The results of night flushing showed a significant decrease in the need for
mechanical cooling during the summer months, but in order to achieve this method of
effective natural ventilation it would be roughly a 19 year payback. Further tests can be
performed by trying different types of thermal mass materials. The shading was left as is
for the tests simulations of this study, methods to further reduce the solar gain in the
summer can be investigated. Other tests could be administered to find a less expensive
way to cool the building. The method could be testing and simulating a different mode
of natural conditioning or it could be introducing a new mechanical system like radiant
flooring or chilled beams. The thermal mass cost could be decreased and mechanical
fans can ventilate more cool night time air into the building.
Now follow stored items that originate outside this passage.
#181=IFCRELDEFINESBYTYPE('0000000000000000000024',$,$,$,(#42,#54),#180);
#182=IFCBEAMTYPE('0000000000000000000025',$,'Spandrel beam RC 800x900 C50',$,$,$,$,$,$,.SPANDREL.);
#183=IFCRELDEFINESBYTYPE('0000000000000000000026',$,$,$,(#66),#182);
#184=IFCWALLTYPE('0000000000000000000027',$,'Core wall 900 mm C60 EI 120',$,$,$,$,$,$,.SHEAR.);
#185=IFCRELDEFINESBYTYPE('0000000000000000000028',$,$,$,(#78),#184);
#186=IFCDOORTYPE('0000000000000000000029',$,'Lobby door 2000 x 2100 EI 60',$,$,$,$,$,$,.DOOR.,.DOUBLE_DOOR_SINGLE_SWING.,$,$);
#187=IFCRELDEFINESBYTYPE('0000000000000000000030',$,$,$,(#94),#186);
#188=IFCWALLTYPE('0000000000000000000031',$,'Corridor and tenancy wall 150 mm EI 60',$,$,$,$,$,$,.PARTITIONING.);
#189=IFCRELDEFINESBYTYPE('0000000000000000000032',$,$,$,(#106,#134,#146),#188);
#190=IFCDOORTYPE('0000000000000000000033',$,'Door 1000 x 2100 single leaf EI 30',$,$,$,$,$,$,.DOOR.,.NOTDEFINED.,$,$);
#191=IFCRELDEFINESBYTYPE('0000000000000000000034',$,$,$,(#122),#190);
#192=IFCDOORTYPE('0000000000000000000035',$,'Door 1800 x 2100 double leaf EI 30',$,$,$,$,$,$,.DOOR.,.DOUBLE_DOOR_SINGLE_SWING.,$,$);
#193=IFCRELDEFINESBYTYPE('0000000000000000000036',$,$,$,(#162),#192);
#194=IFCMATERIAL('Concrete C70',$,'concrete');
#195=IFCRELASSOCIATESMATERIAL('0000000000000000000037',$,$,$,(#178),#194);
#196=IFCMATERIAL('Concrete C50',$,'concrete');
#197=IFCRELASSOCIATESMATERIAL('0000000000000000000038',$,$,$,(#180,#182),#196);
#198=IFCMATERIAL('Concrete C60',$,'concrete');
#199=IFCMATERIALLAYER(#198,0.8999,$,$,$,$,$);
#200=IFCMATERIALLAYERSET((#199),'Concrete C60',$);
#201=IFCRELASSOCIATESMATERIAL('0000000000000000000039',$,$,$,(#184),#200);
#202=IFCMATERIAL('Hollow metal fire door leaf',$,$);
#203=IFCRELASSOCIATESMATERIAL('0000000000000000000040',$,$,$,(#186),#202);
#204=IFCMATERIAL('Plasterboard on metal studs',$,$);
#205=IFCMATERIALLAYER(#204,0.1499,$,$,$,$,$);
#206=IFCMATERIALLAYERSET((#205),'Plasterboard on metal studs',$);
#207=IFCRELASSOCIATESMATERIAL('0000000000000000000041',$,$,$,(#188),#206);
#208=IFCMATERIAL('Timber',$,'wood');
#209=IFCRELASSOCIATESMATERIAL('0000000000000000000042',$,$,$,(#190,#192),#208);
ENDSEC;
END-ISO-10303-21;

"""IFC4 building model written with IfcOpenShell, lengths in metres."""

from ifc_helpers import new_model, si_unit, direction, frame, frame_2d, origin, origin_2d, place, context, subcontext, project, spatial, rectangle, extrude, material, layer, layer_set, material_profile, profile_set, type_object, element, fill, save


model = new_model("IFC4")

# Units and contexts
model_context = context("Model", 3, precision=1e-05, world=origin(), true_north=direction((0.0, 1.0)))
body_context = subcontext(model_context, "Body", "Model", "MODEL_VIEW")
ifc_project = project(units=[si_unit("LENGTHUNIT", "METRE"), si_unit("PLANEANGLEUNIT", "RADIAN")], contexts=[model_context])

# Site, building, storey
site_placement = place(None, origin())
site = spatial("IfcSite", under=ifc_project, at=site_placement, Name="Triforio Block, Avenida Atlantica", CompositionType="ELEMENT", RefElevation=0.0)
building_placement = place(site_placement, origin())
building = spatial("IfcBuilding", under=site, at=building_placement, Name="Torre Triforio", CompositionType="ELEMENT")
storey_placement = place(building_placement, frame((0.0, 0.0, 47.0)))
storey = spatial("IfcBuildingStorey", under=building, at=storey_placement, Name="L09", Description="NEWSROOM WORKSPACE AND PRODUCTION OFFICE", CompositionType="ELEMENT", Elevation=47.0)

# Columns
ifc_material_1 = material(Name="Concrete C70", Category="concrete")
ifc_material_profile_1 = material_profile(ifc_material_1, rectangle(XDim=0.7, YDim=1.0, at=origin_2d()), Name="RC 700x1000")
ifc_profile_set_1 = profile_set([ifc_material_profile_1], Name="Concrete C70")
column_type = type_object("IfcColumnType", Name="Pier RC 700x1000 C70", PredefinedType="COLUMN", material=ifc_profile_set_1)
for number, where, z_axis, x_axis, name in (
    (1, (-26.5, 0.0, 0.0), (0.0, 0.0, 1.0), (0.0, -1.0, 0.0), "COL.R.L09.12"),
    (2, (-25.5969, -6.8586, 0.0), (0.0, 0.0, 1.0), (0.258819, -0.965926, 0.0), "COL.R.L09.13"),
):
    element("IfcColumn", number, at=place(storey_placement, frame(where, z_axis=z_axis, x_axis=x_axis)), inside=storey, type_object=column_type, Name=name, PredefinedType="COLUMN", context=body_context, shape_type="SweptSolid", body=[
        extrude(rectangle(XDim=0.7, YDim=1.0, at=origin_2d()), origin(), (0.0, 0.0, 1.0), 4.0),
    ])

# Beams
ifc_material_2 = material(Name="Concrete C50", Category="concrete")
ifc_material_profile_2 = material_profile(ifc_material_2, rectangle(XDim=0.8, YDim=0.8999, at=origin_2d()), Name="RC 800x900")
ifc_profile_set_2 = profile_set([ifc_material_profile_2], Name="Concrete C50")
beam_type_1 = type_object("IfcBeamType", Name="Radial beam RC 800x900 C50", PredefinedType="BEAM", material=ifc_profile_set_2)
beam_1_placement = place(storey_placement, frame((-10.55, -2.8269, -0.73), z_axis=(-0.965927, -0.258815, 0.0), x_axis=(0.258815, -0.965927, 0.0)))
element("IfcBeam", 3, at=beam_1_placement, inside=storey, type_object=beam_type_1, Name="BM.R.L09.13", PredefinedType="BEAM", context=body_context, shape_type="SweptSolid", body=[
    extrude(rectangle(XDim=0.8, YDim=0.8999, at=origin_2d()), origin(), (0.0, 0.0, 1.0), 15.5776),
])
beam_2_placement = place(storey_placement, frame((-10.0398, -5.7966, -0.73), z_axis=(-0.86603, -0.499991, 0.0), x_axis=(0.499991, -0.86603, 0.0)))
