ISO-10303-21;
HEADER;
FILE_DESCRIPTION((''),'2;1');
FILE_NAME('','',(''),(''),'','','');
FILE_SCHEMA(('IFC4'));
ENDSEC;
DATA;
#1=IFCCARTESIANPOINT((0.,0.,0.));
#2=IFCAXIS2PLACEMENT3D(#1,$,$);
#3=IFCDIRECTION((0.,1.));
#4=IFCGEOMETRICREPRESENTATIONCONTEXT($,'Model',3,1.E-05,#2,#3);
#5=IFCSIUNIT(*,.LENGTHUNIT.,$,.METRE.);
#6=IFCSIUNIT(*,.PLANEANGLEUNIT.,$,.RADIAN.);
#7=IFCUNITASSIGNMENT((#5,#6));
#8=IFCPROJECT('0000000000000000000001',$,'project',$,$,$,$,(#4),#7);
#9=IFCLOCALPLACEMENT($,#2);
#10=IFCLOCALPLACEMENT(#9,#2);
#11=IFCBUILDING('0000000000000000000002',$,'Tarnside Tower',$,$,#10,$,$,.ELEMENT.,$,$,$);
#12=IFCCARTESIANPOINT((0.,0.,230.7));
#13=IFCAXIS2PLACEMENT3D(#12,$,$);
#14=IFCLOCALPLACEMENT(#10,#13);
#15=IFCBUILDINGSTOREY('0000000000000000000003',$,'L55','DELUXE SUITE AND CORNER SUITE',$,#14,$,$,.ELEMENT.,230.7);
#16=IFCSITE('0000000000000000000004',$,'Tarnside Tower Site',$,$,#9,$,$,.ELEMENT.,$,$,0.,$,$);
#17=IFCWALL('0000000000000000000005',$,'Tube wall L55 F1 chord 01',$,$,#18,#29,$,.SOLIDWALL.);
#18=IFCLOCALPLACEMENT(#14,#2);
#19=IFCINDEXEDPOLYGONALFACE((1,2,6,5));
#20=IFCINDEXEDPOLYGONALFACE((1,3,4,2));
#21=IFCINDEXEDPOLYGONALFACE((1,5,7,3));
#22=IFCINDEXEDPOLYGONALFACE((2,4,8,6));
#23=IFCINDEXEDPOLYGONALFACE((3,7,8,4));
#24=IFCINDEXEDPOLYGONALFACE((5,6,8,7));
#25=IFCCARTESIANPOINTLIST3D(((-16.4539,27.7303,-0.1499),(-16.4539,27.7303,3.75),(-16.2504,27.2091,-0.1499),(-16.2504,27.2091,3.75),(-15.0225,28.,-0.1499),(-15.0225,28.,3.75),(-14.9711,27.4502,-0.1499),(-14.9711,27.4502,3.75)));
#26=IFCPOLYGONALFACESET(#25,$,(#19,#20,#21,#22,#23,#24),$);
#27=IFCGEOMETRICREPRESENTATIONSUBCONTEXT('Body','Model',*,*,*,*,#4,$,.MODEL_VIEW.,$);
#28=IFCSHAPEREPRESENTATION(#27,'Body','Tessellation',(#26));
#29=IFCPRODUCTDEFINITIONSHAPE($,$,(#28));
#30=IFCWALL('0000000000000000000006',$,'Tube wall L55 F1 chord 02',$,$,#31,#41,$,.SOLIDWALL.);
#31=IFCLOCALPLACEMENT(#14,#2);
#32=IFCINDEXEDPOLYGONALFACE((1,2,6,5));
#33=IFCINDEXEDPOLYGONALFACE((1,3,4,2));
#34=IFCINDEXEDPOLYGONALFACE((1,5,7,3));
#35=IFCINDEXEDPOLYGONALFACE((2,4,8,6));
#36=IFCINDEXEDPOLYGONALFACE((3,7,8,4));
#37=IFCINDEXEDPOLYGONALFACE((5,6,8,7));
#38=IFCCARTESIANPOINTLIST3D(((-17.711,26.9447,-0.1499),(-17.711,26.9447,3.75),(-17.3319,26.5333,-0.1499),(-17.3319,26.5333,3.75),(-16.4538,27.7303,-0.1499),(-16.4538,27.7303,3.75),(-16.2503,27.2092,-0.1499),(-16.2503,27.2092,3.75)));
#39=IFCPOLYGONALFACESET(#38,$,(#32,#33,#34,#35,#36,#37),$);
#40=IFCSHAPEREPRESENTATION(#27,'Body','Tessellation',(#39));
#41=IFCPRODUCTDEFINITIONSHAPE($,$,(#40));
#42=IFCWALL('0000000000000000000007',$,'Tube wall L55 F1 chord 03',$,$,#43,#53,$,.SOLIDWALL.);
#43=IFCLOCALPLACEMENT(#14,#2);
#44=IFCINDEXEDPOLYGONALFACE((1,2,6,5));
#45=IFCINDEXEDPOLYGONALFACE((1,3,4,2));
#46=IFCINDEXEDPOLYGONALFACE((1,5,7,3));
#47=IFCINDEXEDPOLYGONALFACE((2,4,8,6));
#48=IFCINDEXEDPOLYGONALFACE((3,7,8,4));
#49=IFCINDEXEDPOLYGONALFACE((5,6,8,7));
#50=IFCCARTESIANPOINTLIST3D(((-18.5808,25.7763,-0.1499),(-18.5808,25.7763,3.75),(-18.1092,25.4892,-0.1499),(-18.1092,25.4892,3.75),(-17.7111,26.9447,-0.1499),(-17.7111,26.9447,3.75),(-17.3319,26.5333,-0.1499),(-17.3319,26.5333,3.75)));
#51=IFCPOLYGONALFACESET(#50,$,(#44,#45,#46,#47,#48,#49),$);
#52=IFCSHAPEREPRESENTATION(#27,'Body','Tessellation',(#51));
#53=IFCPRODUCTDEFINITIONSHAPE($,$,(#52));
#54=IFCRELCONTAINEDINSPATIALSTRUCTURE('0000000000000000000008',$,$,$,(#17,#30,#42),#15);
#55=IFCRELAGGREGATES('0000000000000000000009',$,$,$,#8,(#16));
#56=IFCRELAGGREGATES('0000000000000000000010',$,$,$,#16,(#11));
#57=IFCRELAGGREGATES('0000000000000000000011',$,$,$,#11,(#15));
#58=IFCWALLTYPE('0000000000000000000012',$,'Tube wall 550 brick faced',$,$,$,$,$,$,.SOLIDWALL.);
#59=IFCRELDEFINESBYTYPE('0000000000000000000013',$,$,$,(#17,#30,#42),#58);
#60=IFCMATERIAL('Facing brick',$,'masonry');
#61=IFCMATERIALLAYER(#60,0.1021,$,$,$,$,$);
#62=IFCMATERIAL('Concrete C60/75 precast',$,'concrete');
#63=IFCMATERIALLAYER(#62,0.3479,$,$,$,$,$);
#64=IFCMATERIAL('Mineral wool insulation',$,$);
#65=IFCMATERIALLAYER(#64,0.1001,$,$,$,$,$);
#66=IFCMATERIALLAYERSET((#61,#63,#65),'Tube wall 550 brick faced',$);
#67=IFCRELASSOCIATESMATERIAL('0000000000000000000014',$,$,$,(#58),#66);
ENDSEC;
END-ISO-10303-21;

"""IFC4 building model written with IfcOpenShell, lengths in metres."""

from ifc_helpers import new_model, si_unit, direction, frame, origin, place, context, subcontext, project, spatial, polyline, outline, extrude, material, layer, layer_set, type_object, element, save


model = new_model("IFC4")

# Units and contexts
model_context = context("Model", 3, precision=1e-05, world=origin(), true_north=direction((0.0, 1.0)))
body_context = subcontext(model_context, "Body", "Model", "MODEL_VIEW")
ifc_project = project(units=[si_unit("LENGTHUNIT", "METRE"), si_unit("PLANEANGLEUNIT", "RADIAN")], contexts=[model_context])

# Site, building, storey
site_placement = place(None, origin())
site = spatial("IfcSite", under=ifc_project, at=site_placement, Name="Tarnside Tower Site", CompositionType="ELEMENT", RefElevation=0.0)
building_placement = place(site_placement, origin())
building = spatial("IfcBuilding", under=site, at=building_placement, Name="Tarnside Tower", CompositionType="ELEMENT")
storey_placement = place(building_placement, frame((0.0, 0.0, 230.7)))
storey = spatial("IfcBuildingStorey", under=building, at=storey_placement, Name="L55", Description="DELUXE SUITE AND CORNER SUITE", CompositionType="ELEMENT", Elevation=230.7)

# Walls
ifc_material_1 = material(Name="Facing brick", Category="masonry")
ifc_layer_1 = layer(ifc_material_1, 0.1021)
ifc_material_2 = material(Name="Concrete C60/75 precast", Category="concrete")
ifc_layer_2 = layer(ifc_material_2, 0.3479)
ifc_material_3 = material(Name="Mineral wool insulation")
ifc_layer_3 = layer(ifc_material_3, 0.1001)
ifc_layer_set_1 = layer_set([ifc_layer_1, ifc_layer_2, ifc_layer_3], Name="Tube wall 550 brick faced")
wall_type_1 = type_object("IfcWallType", Name="Tube wall 550 brick faced", PredefinedType="SOLIDWALL", material=ifc_layer_set_1)
wall_1_placement = place(storey_placement, frame((-14.9968, 27.7251, -0.1499), z_axis=(0.0, 0.0, 1.0), x_axis=(-0.982705, -0.185176, 0.0)))
element("IfcWall", 1, at=wall_1_placement, inside=storey, type_object=wall_type_1, Name="Tube wall L55 F1 chord 01", PredefinedType="SOLIDWALL", context=body_context, shape_type="SweptSolid", body=[
    extrude(outline(polyline([(-0.0256, -0.2749), (1.4309, -0.2749), (1.3274, 0.2749), (0.0256, 0.2749), (-0.0256, -0.2749)])), origin(), (0.0, 0.0, 1.0), 3.8999),
])
wall_2_placement = place(storey_placement, frame((-16.3521, 27.4697, -0.1499), z_axis=(0.0, 0.0, 1.0), x_axis=(-0.848058, -0.529903, 0.0)))
element("IfcWall", 2, at=wall_2_placement, inside=storey, type_object=wall_type_1, Name="Tube wall L55 F1 chord 02", PredefinedType="SOLIDWALL", context=body_context, shape_type="SweptSolid", body=[
    extrude(outline(polyline([(-0.0518, -0.2749), (1.4307, -0.2749), (1.3271, 0.2749), (0.0518, 0.2749), (-0.0518, -0.2749)])), origin(), (0.0, 0.0, 1.0), 3.8999),
])
wall_3_placement = place(storey_placement, frame((-17.5215, 26.739, -0.1499), z_axis=(0.0, 0.0, 1.0), x_axis=(-0.597135, -0.802141, 0.0)))
element("IfcWall", 3, at=wall_3_placement, inside=storey, type_object=wall_type_1, Name="Tube wall L55 F1 chord 03", PredefinedType="SOLIDWALL", context=body_context, shape_type="SweptSolid", body=[
    extrude(outline(polyline([(-0.0518, -0.2749), (1.4048, -0.2749), (1.3535, 0.2749), (0.0518, 0.2749), (-0.0518, -0.2749)])), origin(), (0.0, 0.0, 1.0), 3.8999),
])

save(model, "model.ifc")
The next issue in reducing the library’s energy consumption is reducing the
heating load and natural gas consumption. Now that the cooling load and energy
consumption has been considerably decreased, the heating load is consuming the
majority of the energy. In this study, in order for night flushing to be effective, the
shading coefficient was reduced so less solar gain enters the building in the summer but
it also decreases heat gain in the winter. Finding a way to reduce the heating load while
maintaining the newly designed night flushing is the next process in making this LEED
Platinum building an a actual sustainable building. A method for investigating this issue
would be examining the overhangs. The overhangs were left as is for this study, but
further investigation into the overhangs size and type would be a worthwhile study.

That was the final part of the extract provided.